Summary and Contributions: The authors describe an actor-critic algorithm for multi-agent RL that leverages experience sharing across homogeneous agents for improved sample efficiency. This Shared Experience Actor-Critic (SEAC) method is theoretically well-grounded and evaluated across a broad set of environments, including two new environments that the authors intend to publicly release.

Strengths: Overall this paper is of high quality. Exploration in RL is a core problem of relevance to the NeurIPS community, and leveraging a specific property of the multi-agent setting (global access to other agents' experiences) to improve sample efficiency is a meaningful contribution. The authors provide a good description and derivation of the method, and go to considerable effort to position it in the context of related work. Their proposed SEAC algorithm is refreshingly simple and trivial to implement, and yet achieves convincing performance across a broad set of MARL tasks and compared to a representative set of prior algorithms. Their experimental analysis is sound and well-described, and I have confidence in the accuracy of their findings.

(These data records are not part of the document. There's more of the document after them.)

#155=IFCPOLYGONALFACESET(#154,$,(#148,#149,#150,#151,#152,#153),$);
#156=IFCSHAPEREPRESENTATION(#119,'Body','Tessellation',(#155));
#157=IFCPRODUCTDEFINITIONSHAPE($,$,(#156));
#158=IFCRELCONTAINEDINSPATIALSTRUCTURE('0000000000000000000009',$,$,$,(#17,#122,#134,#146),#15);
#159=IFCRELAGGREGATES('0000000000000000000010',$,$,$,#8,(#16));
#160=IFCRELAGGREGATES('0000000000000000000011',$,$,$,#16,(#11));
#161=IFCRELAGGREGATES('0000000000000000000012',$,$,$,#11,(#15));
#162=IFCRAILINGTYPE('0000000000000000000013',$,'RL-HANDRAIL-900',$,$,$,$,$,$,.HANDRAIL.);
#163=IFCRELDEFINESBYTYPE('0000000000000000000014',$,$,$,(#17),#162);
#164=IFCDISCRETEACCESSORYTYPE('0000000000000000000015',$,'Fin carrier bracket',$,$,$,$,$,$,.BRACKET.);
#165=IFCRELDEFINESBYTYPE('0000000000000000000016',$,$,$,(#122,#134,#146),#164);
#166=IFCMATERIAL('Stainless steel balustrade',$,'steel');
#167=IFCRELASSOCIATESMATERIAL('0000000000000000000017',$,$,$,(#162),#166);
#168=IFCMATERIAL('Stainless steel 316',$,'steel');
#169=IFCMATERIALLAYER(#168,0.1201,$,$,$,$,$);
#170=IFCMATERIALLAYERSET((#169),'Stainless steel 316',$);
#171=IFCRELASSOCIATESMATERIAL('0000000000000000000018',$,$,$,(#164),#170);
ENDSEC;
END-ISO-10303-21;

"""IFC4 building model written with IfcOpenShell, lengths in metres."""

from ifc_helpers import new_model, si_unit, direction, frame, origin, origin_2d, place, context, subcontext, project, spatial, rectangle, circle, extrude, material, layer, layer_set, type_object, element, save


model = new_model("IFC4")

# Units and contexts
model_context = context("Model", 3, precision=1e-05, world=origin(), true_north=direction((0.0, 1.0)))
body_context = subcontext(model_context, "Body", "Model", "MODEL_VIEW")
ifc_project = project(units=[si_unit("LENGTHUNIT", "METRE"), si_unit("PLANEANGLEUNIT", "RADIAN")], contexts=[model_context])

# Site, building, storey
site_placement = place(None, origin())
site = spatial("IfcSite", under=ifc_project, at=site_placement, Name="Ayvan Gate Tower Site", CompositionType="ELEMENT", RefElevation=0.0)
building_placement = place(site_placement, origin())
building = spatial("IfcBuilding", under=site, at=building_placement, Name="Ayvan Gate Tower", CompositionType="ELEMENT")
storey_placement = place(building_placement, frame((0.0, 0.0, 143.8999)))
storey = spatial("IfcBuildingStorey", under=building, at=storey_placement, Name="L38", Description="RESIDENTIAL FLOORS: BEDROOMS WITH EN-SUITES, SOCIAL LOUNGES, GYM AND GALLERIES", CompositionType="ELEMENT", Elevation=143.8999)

Weaknesses: Two relatively minor concerns that I'd like to see discussed by the authors. I'm inclined to increase my score if there are good explanations for both points. My understanding of this paper is that the core innovation is to repurpose importance weighting as a method of off-policy correction, typically used to compensate for gradient staleness in distributed on-policy agents, to instead compensate for the different likelihood of actions under different agents' policies. This is an elegant idea and leads to an algorithm that is both simple and yields convincing results. To be honest, I'm surprised that this works. The likelihood ratios are going to tend to zero very quickly unless the agent policies are very similar (suboptimal behavior for most MA tasks by design), and in that scenario other agents' experiences are going to have negligible effect on the gradient update. But my surprise is not a good measure of research quality, and the results appear to disagree with me. It might be worth discussing why my intuition is wrong. I'd also like to see a discussion on what would be needed to extend SEAC to a regime of non-homogeneous agents (i.e. different objectives). I got excited when I saw the PP results, but the prey was using a pre-trained network so this is cheating in some respect. For context, it seems to me that SEAC is most closely related to MADDPG, where agent experiences are pooled in replay memory and sampled off-policy with agent-specific policies and critics. The authors are correct in identifying that MADDPG agents do not explicitly learn from the (S,A) -> R experience of other agents. However, I have two observations on this topic. First, this type of experience sharing only works in the regime where agents are homogeneous (same capabilities and objective), whereas MADDPG allows for pooling of experiences under heterogeneous policies. Unless I'm mistaken, SEAC does not work in these regimes, so in this particular sense MADDPG is more general. Second, this "limitation" of MADDPG is actually a design decision. One could trivially modify MADDPG to symmetrically update every agent based on every other agent's experience (again assuming homogeneity), but this essentially collapses to maintaining a single global critic, which IIUC the MADDPG were explicitly trying to avoid based on the observation that separate critics lead to better performance.

Correctness: Yes

Clarity: Yes

Relation to Prior Work: Yes

Reproducibility: Yes

Additional Feedback: UPDATE I thank the authors for their effort in clarifying my concerns. Overall, I think this is a good submission. The explanation re: importance weights is satisfying, and the idea that this method of experience sharing will lead to similar but different-enough policies to be useful is an interesting one. The nature of the proposed algorithm is that it will *only* lead to similar policies, and I think this limitation is worth stating more explicitly (along with citations supporting the related claim that this is okay). I agree with the other reviewers that direct evaluation to more recent methods would be ideal, but perhaps not strictly necessary for acceptance. For this reason I am leaving my initial overall score (7) unchanged, but have increased my confidence score as a result of thoughtful response.